3月27日、朝快晴の富士山をホテルの窓から眺め、思わずカメラを取り出しシャッターを切った。立山・剣岳も良いがやっぱり富士は日本一の山だ。

さて、この日は午前10時に予約していた、皇居三の丸尚蔵館の名品を鑑賞した。
この尚蔵館は平成元年{1889}昭和天皇まで代々皇室に受け継がれた品々が、上皇陛下と香淳皇后により国に寄贈されたことを機にそれらを保存、研究・公開するための施設として、平成5年{1993}11月に宮内庁三の丸尚蔵館が開館しました。
その後も香淳皇后や各宮家より、平成8年{1996}旧秩父宮家、同17年{2005}には旧高松宮家、さらに、同26年{2014}には三笠宮家から、それぞれご遺増品の品々が加わり、現在約2万点の作品を収蔵しているという。それらは、各時代を代表する数々の名品を含め、日本を中心とする東洋の美術工芸品のほか、時代・地域の分野ともに幅広いことが特徴です。

令和5年{2023}開館30周年を迎え、収蔵品の増加と入館者の増大に対応するために施設の拡充がはかられ令和元年{2019}より新館の建設がすすめられ、その一部が完成しました。それとともに、組織が宮内庁から独立行政法人文化財機構へ移行され、館の名称も新たに「皇居三の丸尚蔵館」と変わりました。

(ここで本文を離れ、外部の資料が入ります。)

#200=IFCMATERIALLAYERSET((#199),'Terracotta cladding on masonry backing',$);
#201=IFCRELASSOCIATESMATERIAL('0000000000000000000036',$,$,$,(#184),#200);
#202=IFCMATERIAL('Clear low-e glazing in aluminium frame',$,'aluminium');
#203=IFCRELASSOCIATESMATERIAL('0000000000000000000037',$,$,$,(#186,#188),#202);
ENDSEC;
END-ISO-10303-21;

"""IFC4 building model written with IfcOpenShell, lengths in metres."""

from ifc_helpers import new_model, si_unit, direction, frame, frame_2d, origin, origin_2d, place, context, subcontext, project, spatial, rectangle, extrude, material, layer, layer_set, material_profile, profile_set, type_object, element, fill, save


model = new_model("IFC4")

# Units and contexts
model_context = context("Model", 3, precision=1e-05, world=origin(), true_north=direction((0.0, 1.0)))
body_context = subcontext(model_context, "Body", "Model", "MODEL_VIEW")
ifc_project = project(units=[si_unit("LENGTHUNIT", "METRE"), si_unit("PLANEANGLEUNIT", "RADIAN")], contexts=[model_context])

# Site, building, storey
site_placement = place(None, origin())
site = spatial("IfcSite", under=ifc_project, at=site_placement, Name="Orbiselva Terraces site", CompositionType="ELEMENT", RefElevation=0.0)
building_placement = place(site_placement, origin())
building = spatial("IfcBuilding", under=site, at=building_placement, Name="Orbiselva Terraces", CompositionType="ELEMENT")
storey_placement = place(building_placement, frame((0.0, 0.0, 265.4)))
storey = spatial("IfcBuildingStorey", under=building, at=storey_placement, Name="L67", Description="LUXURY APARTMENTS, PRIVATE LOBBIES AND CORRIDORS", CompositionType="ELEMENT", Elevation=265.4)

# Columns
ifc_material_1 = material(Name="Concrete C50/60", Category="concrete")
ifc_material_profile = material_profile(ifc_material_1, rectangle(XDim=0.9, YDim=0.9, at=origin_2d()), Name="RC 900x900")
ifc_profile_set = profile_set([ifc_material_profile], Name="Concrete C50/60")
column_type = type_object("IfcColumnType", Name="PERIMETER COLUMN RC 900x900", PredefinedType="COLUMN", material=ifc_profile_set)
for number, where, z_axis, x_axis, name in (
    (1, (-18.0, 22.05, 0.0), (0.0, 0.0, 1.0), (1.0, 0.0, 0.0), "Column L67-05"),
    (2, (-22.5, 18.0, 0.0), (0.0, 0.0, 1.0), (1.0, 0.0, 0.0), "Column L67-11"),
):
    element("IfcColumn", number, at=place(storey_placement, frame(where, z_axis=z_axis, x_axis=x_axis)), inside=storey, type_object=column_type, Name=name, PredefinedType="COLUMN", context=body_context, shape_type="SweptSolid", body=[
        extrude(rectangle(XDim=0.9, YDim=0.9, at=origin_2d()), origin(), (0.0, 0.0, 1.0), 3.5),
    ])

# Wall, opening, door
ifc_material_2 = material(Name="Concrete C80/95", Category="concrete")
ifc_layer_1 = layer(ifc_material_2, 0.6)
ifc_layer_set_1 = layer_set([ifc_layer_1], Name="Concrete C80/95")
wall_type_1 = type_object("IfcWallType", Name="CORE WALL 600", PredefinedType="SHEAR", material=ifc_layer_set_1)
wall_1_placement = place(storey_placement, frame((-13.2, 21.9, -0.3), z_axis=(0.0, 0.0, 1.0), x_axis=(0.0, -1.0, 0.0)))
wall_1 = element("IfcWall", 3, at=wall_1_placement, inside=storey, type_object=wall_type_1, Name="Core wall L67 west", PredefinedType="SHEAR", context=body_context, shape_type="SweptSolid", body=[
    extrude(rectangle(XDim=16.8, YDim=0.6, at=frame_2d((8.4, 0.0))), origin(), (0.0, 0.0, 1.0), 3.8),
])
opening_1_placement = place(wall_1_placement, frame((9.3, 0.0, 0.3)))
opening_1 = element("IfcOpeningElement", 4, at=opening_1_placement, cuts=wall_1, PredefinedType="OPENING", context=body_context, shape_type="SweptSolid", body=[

拡張工事は引き続き行われ、全館開館は令和8年{2026}を予定しています。新館の一部開館を記念して開催する本展は館を代表する収蔵品を四期に分けて、第一期は「三の丸尚蔵館の国宝」令和5年11月3日ー12月24日、第二期「近代皇室を彩る技と美」令和6年1月4日ー3月3日、第三期「近世の御所を飾った品々」3月12日ー5月12日、第四期「三の丸尚蔵館の名品」5月21日ー6月23日、いづれも皇室の長い歴史と伝統の中で培われ、伝えられてきた品々です。
私は、今回の第三期と前回の第二期を鑑賞しました。

尚、館名の「尚蔵」は古代律令制において蔵司{くらつかさ}の長官{くらのかみ(かみ)}をさし、大切に保管するという意味と、建設場所が旧江戸城三の丸の地であることから「三の丸尚蔵館」と名付けられました。主な収蔵品には、美術史的、歴史的に高い評価を得ている平安時代の書,、逸品「金沢本万葉集」や鎌倉時代の絵巻き{春日権現験記絵」{蒙古襲来絵詞} 近世絵画を代表する狩野永徳筆{唐獅子図屏風} 狩野探幽筆{源氏物語図屏風}伊藤若冲筆{動植採絵}などの傑作があるほか、横山大観や竹内栖鳳、並河靖之、高村光雲など近代の著名な作家による作品が多数あると言う。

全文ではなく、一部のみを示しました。